Minister of Agriculture, Forestry and Fisheries Veng Sakhon said the development projects and land swap taking place in the Phnom Tamao area will not affect the Phnom Tamao Zoological Park and Wildlife Rescue Centre (PTWRC) or the wildlife sanctuary covering 400ha there.
In a letter to the Council of Ministers dated April 28 seen by The Post on May 18, Sakhon’s statements were apparently made to allay concerns raised by the NGO Wildlife Alliance.
The information about land swaps at the sanctuary drew concern from Wildlife Alliance founder and CEO Suwanna Gauntlett, who sought immediate intervention from Prime Minister Hun Sen to halt the 500ha land swap that was allegedly being done so the land could be developed by an unspecified private company.
Gauntlett requested a courtesy call with the premier and sought his intervention to stop the development plan overseen by the ministry.
She said that should the project plan be approved and implemented, the Phnom Tamao area – located in Takeo province’s Bati district – would be split into two parts, affecting “more than 1,000 wildlife species and their habitats”.
She noted that it would also affect the reputation of the PTWRC, destroy all of Cambodia’s achievements of the last 20 years in environmental protection and make it impossible for her NGO to continue contributing to the project.
Similarly, Nick Marx – director of the NGO’s Wildlife Rescue and Care – said in a video clip posted online on May 16 that through cooperation between the Forestry Administration and his NGO over the last 20 years, Phnom Tamao has become an important spot for wildlife recovery and preservation.
He was concerned that the development project at Phnom Tamao would destroy a good place for wildlife and a good place for Cambodian people to visit to learn about wildlife.
“I, as well as other conservationists, beg Samdech Prime Minister Hun Sen to keep Phnom Tamao untouched, for the sake of the safety of its wildlife and so it will remain a natural resort for the people living in Phnom Penh and nearby,” he said in the video clip, using the premier’s royal title.
However, Sakhon said the land swap will not affect the PTWRC, which covers more than 400ha and is surrounded by 8,394m of fencing along with the physical infrastructure built there.
He also stated that it will not affect the assistance provided by Wildlife Alliance or the memorandum of understanding (MoU) between the NGO and the ministry.
“The land swap at Phnom Tamao is necessary for the government to develop the area in order to boost the incomes of people and local economy as a whole, as well as to provide more capital for other strategic projects, such as renovating the wildlife park and for the PTWRC to economically compete and generate incomes,” Sakhon said in the letter.

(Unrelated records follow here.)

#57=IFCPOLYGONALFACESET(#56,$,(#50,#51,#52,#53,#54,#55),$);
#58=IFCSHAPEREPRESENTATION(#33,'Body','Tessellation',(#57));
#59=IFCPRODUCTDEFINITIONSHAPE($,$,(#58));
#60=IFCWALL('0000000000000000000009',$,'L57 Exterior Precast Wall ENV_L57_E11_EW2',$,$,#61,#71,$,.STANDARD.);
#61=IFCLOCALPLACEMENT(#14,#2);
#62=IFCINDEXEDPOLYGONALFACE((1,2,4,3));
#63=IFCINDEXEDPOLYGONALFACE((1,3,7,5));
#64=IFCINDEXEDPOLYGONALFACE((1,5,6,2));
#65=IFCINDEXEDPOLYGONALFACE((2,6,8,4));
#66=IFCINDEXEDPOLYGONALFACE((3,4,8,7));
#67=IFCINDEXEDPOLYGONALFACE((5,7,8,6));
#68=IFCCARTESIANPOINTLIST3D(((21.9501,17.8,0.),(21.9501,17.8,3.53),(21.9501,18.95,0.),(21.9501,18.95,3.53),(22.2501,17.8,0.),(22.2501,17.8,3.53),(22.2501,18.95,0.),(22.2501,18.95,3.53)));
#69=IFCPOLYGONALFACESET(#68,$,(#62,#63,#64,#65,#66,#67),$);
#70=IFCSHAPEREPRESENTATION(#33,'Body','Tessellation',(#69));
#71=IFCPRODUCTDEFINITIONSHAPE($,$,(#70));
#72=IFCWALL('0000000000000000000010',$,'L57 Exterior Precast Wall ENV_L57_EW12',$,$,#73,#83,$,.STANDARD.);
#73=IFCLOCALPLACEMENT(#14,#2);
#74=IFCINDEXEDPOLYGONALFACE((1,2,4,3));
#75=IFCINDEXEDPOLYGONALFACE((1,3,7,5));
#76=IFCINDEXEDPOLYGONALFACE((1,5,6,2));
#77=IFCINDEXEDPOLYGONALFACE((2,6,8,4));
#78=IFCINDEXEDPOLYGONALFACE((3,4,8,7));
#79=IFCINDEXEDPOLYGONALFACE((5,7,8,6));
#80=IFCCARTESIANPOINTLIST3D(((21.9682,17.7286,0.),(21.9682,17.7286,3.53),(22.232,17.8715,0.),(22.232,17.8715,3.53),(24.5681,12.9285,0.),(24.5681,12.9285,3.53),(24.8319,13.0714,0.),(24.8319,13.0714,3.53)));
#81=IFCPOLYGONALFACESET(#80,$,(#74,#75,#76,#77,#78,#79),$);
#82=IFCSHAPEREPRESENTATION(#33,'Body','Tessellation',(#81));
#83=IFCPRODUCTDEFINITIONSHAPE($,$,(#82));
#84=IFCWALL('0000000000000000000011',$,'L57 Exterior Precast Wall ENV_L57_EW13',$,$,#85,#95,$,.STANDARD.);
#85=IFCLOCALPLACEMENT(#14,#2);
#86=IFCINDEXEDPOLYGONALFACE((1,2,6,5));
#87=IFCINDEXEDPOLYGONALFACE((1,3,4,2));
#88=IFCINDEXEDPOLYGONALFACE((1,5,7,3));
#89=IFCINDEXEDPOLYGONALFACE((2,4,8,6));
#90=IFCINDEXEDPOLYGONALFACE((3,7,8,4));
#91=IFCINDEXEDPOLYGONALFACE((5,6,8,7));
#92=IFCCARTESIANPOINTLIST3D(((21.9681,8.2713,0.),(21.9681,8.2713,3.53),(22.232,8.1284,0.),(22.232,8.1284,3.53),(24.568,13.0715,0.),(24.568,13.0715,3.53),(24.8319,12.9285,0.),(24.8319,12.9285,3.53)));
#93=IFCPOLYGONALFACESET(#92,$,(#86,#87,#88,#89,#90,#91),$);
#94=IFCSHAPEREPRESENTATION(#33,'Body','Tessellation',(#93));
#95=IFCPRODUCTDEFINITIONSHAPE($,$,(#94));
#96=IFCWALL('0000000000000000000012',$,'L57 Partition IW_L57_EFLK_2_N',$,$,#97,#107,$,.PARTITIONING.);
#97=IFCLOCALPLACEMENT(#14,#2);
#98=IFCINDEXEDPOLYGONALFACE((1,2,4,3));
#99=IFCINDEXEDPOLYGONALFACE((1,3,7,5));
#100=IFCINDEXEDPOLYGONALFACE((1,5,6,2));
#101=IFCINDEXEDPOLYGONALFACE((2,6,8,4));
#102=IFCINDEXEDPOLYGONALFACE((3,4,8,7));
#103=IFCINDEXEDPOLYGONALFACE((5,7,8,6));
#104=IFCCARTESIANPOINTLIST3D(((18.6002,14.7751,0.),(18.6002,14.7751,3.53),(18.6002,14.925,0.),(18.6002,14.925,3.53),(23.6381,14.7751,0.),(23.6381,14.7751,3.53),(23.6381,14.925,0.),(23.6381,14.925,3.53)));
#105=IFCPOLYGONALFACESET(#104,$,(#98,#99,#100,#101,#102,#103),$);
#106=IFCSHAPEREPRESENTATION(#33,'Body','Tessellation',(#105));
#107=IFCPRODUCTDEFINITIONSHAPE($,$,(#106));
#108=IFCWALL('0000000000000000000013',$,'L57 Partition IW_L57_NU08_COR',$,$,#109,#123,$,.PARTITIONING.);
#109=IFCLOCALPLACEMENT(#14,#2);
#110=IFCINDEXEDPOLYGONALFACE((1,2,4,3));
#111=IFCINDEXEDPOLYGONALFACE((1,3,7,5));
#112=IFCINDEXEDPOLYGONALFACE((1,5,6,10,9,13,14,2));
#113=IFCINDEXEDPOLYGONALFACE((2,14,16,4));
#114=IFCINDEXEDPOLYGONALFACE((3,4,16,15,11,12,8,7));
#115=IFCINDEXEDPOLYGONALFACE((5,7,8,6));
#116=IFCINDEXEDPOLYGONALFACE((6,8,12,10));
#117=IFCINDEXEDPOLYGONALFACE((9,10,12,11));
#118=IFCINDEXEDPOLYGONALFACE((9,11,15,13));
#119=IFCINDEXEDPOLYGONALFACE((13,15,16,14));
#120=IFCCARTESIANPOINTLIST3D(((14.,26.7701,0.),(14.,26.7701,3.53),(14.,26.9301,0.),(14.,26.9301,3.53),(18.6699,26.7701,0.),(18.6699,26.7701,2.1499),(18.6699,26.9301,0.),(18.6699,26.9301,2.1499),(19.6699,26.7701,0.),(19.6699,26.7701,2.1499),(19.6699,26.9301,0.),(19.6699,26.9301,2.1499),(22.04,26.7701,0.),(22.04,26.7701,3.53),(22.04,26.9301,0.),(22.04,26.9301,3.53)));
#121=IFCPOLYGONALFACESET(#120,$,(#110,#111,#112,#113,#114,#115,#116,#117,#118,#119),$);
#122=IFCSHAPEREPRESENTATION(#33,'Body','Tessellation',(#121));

According to Sakhon, Phnom Tamao has many facilities related to wildlife protection, preservation, education, research and training along with many species of wildlife.
Sakhon’s letter did not say which land would be exchanged with the Phnom Tamao area or within it. Several ministry officials said they did not have any information on the development project in that area.
But according to a notice issued on January 14 by the Council of Ministers, the government had agreed in principle for a land swap of 500ha located at PTWRC in exchange for the creation of the Safari Angkor Park on 250ha in Banteay Srei and Svay Leu districts of Siem Reap province, plus the creation of the Mondulkiri Phytopathology Park covering more than 472ha.
Sok Vichea, a biodiversity researcher, said that development of the area could negatively affect the Phnom Tamao wildlife with habitat interruptions through noise, chemical substances and clearance of forest for development, which he felt should be done far from that area.
“If [the company] used the area to raise animals, that would not be a problem. But if it was used to build a factory, that would affect the wildlife,” he said.
Ny Kosal, a local resident living in Kandeoung commune of Takeo province’s Bati district where the PTWRC is located, said that development always causes some kind of impact but it should be applauded if the project is in the public interest.
“The area is currently not developed and it is time to change that. The NGO and the government should explain to the local people what they intend to do so they understand what’s going on and can find a way to benefit from the area’s development,” he said.